Risk based monitoring: Where is it today?

At Partnerships in Clinical Trials,Alison Taber, Vice President, Global Data Management, at
Theorem Clinical Research and Mitchell Katz, Executive Director, Medical Research Operations, Purdue Pharma L.P sat down with Medidata to discuss the the panel Risk Based Study Management for Small to Midsized Companies that took place on Monday, March 31.

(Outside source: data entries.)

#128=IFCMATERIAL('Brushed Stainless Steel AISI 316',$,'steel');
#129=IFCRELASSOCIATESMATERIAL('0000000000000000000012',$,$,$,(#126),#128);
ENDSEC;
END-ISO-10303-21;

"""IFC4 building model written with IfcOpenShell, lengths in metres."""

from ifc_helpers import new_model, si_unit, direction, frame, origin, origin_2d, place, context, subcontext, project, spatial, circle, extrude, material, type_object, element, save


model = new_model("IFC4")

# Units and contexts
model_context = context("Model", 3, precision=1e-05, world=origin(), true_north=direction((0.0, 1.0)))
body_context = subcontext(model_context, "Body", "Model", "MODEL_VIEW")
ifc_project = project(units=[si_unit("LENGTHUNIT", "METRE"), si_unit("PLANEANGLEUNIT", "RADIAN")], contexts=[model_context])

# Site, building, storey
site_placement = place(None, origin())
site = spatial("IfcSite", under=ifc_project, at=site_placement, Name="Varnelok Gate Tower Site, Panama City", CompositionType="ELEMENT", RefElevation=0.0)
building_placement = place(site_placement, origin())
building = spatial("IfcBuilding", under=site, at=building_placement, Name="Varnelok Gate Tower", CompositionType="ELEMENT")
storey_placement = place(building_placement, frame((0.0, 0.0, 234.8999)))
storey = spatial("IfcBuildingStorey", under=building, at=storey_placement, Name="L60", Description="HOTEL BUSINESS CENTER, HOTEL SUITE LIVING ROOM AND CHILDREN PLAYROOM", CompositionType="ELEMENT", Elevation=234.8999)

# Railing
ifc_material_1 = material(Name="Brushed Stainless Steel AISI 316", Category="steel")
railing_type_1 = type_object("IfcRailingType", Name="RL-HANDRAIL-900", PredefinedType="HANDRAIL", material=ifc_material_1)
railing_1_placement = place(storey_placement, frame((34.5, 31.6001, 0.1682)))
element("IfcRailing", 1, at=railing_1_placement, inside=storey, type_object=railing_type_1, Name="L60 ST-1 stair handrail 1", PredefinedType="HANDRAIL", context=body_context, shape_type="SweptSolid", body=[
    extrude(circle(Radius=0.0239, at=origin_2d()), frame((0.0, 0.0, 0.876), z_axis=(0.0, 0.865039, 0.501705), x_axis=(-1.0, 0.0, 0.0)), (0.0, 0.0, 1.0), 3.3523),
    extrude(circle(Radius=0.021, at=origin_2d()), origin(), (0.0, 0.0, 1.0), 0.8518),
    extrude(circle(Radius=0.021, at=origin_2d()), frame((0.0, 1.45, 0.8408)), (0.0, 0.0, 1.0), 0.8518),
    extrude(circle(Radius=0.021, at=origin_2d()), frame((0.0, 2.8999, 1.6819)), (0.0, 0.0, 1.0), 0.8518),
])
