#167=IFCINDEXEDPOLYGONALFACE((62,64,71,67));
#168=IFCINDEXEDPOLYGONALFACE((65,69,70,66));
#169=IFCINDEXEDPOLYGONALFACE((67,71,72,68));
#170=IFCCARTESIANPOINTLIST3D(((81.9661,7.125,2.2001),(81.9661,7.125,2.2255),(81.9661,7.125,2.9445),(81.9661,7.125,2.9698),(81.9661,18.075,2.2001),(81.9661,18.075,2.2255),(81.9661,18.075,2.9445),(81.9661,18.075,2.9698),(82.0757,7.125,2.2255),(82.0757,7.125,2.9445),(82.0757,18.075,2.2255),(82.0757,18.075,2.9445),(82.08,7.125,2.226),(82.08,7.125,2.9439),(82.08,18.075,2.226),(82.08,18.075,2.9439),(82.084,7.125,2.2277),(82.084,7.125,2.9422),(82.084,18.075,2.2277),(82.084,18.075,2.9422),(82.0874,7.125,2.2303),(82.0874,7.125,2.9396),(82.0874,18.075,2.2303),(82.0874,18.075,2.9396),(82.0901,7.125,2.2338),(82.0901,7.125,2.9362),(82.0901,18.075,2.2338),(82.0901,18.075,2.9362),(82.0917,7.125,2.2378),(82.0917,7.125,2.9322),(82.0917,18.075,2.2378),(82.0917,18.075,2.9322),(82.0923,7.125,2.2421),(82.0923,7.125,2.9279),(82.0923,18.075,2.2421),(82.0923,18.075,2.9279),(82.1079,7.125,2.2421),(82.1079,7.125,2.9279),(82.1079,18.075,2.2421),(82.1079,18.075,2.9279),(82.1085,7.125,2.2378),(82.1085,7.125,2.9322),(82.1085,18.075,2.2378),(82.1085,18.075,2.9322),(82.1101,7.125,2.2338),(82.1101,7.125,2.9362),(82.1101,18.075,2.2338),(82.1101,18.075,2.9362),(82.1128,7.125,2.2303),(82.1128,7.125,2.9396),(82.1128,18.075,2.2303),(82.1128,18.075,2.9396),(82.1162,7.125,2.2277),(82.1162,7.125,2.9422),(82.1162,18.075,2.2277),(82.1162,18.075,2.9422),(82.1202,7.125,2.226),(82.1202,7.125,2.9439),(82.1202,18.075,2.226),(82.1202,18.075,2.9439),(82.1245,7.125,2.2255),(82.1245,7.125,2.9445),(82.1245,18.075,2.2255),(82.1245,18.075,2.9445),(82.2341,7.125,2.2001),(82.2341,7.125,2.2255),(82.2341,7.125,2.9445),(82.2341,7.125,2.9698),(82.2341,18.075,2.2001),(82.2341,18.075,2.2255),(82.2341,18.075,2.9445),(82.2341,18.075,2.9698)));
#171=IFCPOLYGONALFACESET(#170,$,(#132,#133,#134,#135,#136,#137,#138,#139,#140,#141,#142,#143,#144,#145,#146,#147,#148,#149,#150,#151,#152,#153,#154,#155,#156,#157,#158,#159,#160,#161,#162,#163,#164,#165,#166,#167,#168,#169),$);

During this conversation, they looked at the current enthusiasm for risk based monitoring but have seen that implementation and finding a universal meeting across the industry are some of the current biggest challenges that companies in the space are facing today.

Watch the video:

Head over to Geeks Talk Clinical to find out more about this panel.

1 comment:

janetclewis said...

Thank-you for your comments. I think it is important in all of these discussions that the site is a key player in risk based monitoring. The site needs to be aware exactly of the companies monitoring plan because it will fall back on to the site to monitor what the sponsor or CRO has not monitored. Risk based monitoring sounds great from the sponsor or CRO side but it puts the burden back to the site. In an FDA audit if a site missed something in error and it was something that was not included in the “monitoring plan”, it will be the site that receives the 483. It will also fall back on a CRA if something is missed due to Risk Based Monitoring. I am sure the sponsor will say, ”How was that missed”? I don’t think the site or a CRA will be able to use the excuse, “oh, that was not in the monitoring plan to do 100% source verification or some other reason”.
After going through many audits for high enrollment the FDA has looked at all data points of a certain percentage of patients. That may be a totally different set of patients that the sponsor looked at. As a site, I feel the more eyes the better. More monitoring, not less. I feel sorry for CRA’s that are expected to complete so much in so little time. Gone are the days where they can spend enough time at the site to actually complete the monitoring plan. I know the FDA supports risk based monitoring but when they do an inspection, I have not seen them follow a risk based inspection plan.